The long run, such a vital part of marathon training. It is the one training session that prepares us most effectively for the challenges that we’ll face on race day. Most coaches will say that the long run is the most important training session for marathon preparation.
But, how do we prepare for the long run?
Obviously, we want want to complete it. So, just like marathon we are training for, we must ensure the fuel tanks are full, right?
Well, maybe not.
For many years there has been discussion about the carbohydrate fueling levels for the long run in marathon training, and the subject has been well-covered by the respected coach, Greg McMillan. Those supporting the low fuel policy would say that one of the aims of the long run is to encourage the body to adapt to running in a depleted state. If so, then if the depletion is limited (by ingesting carbohydrate), then the adaption is limited too.
Those on the other side of the debate would say that depletion causes a drop in performance and so the training session will be run at reduced levels of intensity.
Well, now we have some research that supports the claims that running in a depleted state has real benefits for the endurance runner: Beneficial metabolic adaptations due to endurance exercise training in the fasted state.
The conclusions of the researchers (Karen Van Proeyen, Karolina Szlufcik, Henri Nielens, Monique Ramaekers and Peter Hespel), is that: “Our present findings therefore provide evidence to indicate that regular fasted training is a useful strategy to stimulate physiological adaptations in muscle that may eventually contribute to improve endurance exercise performance”.

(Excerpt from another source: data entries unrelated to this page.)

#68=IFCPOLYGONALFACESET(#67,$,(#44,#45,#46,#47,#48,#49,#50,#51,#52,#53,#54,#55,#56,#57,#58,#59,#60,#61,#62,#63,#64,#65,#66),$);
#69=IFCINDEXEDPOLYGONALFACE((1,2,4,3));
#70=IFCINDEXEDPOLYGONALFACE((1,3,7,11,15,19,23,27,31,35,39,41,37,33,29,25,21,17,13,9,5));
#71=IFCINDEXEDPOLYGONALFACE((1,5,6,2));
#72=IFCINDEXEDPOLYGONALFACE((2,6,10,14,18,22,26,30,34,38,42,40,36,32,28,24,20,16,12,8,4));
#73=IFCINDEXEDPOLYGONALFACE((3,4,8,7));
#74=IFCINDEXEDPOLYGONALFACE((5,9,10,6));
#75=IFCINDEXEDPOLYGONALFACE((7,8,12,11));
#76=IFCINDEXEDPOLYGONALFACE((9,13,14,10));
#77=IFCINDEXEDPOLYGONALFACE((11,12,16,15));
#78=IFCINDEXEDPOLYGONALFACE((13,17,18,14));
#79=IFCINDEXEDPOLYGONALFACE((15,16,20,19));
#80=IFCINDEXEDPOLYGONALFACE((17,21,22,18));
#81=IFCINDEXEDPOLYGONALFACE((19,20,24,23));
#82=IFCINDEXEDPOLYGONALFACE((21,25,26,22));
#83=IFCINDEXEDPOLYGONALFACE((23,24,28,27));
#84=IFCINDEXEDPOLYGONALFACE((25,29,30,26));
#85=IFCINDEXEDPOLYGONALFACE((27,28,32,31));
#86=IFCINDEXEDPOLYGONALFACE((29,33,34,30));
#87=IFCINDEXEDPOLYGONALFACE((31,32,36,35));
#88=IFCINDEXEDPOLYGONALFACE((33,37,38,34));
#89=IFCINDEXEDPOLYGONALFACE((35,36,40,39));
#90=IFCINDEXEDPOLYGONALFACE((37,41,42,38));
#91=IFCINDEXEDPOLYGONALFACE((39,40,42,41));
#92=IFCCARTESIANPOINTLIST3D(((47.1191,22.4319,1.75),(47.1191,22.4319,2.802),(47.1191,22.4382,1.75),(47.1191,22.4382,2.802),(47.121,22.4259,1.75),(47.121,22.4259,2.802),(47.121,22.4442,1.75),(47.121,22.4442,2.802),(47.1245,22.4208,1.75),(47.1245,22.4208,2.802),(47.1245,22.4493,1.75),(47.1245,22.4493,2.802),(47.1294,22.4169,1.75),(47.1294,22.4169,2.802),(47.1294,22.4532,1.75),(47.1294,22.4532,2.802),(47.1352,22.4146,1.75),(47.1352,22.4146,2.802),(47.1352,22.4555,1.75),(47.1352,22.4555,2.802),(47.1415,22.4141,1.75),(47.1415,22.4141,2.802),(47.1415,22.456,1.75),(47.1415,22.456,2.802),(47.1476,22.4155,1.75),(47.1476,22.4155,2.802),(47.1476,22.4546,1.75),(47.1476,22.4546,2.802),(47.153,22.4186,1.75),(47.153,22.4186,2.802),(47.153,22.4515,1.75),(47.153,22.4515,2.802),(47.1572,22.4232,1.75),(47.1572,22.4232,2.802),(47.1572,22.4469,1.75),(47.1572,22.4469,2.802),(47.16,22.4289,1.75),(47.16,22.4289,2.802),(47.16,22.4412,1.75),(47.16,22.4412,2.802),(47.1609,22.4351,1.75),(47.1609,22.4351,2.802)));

As usual, this is not a one-size-fits-all strategy, some runners will respond differently, but there certainly seems to be sound reasoning for starting some long runs with a degree of depletion. If we look at this from a common sense angle, it’s really no surprise: our long runs for the marathon will be in the region of 18 to 22 miles in length, but not as far as the 26.2 miles we are training for. It’s worth taking the body and mind into territory that we will encounter on race day.